To train the machine learning models that generate these behaviors, we have assembled a high-quality, diverse dataset of demonstrations across 30 eve robots. We use that data to train a base model that understands a broad set of physical behaviors from cleaning to tidying homes to picking up objects to interacting socially with humans and other robots. We then fine-tune that model into more specific family of capabilities, e.g., for General door manipulation and another for warehouse tasks, and then fine-tune those models further to align the behavior with solving specific tasks.

This strategy allows us to onboard new skills in just a few minutes of data collection and training on a desktop GPU. All the capabilities shown in the video were trained by our android operators. They represent a new generation of software 2.0 engineers who express robot capabilities through data. Our ability to teach our robots short mobile manipulation skills is no longer constrained by the number of AI engineers.

So, if you needed to train something like this for yourself instead of hiring a very expensive software engineer, somebody with a tech background, it seems like instead, you might be able to get someone, even yourself, to kind of mimic the motions needed to complete a task. This would be the data on which the robot is trained. You’d be able to teach it skills, how to open the specific doors in your house, how to interact with specific objects in your house, etc.

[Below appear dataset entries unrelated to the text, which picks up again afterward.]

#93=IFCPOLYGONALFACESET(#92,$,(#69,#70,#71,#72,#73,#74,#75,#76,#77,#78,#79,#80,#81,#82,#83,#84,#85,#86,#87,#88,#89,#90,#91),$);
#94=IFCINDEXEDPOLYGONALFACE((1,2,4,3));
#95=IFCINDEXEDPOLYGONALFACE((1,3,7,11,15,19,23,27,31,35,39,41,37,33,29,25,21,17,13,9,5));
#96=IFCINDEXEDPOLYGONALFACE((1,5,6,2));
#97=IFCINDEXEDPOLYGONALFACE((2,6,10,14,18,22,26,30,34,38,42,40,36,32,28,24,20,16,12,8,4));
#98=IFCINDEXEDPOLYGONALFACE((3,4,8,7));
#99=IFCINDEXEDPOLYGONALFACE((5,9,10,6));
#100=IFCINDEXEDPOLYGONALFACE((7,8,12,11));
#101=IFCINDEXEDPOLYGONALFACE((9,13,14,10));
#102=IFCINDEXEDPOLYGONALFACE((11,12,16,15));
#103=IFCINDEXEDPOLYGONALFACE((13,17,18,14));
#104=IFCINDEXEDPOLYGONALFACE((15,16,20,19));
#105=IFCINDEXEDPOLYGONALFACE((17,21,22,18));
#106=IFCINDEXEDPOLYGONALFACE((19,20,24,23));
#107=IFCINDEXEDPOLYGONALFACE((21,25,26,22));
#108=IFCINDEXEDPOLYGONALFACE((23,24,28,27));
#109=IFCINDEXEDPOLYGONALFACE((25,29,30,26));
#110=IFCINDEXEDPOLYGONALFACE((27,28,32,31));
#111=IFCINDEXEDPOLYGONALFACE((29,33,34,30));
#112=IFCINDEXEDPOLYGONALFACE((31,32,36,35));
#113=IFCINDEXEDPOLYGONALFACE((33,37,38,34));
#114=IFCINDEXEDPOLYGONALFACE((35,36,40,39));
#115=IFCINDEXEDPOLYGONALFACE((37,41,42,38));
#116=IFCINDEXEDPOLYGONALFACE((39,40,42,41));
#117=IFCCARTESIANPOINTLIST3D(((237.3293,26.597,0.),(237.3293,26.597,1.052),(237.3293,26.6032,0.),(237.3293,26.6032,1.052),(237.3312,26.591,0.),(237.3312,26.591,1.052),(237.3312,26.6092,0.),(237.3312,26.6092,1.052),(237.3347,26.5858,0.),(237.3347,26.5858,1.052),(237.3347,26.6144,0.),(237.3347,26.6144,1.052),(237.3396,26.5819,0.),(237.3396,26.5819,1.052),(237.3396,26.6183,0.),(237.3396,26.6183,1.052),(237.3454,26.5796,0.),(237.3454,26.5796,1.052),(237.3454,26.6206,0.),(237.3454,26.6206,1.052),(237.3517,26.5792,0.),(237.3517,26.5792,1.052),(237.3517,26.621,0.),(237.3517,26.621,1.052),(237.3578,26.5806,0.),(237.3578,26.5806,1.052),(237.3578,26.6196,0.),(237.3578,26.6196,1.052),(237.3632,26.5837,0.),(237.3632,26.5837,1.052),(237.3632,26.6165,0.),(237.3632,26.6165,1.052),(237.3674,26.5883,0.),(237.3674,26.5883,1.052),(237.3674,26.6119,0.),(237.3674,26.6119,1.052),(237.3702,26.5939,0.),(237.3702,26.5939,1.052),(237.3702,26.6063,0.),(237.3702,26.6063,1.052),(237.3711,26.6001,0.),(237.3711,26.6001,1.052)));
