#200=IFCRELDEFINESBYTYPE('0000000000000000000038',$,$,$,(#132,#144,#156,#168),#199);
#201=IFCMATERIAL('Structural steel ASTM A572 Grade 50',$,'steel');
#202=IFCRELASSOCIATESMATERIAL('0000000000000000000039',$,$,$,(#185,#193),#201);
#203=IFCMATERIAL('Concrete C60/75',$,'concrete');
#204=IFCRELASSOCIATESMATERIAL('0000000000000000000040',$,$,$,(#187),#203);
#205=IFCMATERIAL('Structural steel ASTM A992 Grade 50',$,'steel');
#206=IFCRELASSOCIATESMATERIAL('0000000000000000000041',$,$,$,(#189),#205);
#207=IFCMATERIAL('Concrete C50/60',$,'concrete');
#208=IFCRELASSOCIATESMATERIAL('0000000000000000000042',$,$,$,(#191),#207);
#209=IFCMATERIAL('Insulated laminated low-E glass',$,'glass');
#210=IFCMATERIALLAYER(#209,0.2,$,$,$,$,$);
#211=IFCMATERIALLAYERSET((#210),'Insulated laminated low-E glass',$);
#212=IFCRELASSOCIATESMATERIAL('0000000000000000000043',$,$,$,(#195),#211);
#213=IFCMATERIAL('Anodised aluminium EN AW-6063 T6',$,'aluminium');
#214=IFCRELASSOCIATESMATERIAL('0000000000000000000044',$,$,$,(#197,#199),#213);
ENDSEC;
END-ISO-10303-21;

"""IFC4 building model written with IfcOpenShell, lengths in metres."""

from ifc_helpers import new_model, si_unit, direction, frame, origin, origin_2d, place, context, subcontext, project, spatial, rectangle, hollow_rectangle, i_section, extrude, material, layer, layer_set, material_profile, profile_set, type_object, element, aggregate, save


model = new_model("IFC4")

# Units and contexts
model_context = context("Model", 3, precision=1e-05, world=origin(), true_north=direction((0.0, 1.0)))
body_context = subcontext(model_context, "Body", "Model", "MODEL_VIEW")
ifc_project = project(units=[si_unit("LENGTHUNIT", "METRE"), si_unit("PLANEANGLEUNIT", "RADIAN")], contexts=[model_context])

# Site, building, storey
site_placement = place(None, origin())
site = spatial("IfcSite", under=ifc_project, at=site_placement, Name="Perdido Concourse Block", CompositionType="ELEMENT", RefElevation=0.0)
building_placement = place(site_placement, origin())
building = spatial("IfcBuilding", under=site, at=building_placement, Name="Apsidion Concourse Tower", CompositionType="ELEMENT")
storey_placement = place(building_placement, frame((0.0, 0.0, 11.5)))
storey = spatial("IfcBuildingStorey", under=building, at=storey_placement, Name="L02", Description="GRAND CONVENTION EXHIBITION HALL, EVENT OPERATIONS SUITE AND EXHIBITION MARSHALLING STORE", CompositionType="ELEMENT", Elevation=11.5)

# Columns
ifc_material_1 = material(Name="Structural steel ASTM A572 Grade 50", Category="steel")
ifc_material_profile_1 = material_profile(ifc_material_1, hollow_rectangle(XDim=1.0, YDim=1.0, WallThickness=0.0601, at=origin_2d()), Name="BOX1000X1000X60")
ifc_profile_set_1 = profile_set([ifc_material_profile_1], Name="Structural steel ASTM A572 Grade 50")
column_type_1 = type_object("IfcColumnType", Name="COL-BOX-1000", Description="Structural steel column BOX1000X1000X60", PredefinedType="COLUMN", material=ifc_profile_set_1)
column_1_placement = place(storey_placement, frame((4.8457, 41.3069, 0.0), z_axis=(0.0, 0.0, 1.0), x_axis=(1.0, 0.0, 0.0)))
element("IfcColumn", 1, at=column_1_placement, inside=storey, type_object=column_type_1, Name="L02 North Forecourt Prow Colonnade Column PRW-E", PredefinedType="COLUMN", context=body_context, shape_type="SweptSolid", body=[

They have two roles they’re hiring, area researchers in the San Francisco Bay Area, and they’re also hiring android operators in both Oslo and Mountain View offices to collect data, train models with that data, and evaluate those models. Unlike most data collection jobs, our operators are empowered to train their own models to automate their own tasks and think deeply about how data maps to learned robot behavior.

What’s interesting to me here is that, you know how they say, as the AI takes over more jobs, they’re hoping that this Innovation will create new jobs that we haven’t really seen before? Well, certainly, this is one of them. The robot Whisperer, the robot teacher. You teach robots how to do certain very specific tasks, and it does look like maybe even a huge tech background is not necessary here.

They mentioned things like having good coordination, motor skills, dexterity, nice to have, experience with virtual reality, and experience within technical vehicles like robots, androids, or drones. If you’ve played around with virtual reality, have hundreds of hours clocked with GTA, and have some experience flying a drone around, and want to transition to this exciting new field of Robotics, I feel like if you’re in the Bay Area or you’re in Norway next to their original headquarters, like this could be huge for you.

I hope you enjoyed that, and I can’t wait for one of these to start helping me around in the house, folding clothes to me is like the most annoying task. If I can teach it to do that, I’d be pretty set. Anyways, my name is Wes Rth, and thank you for reading.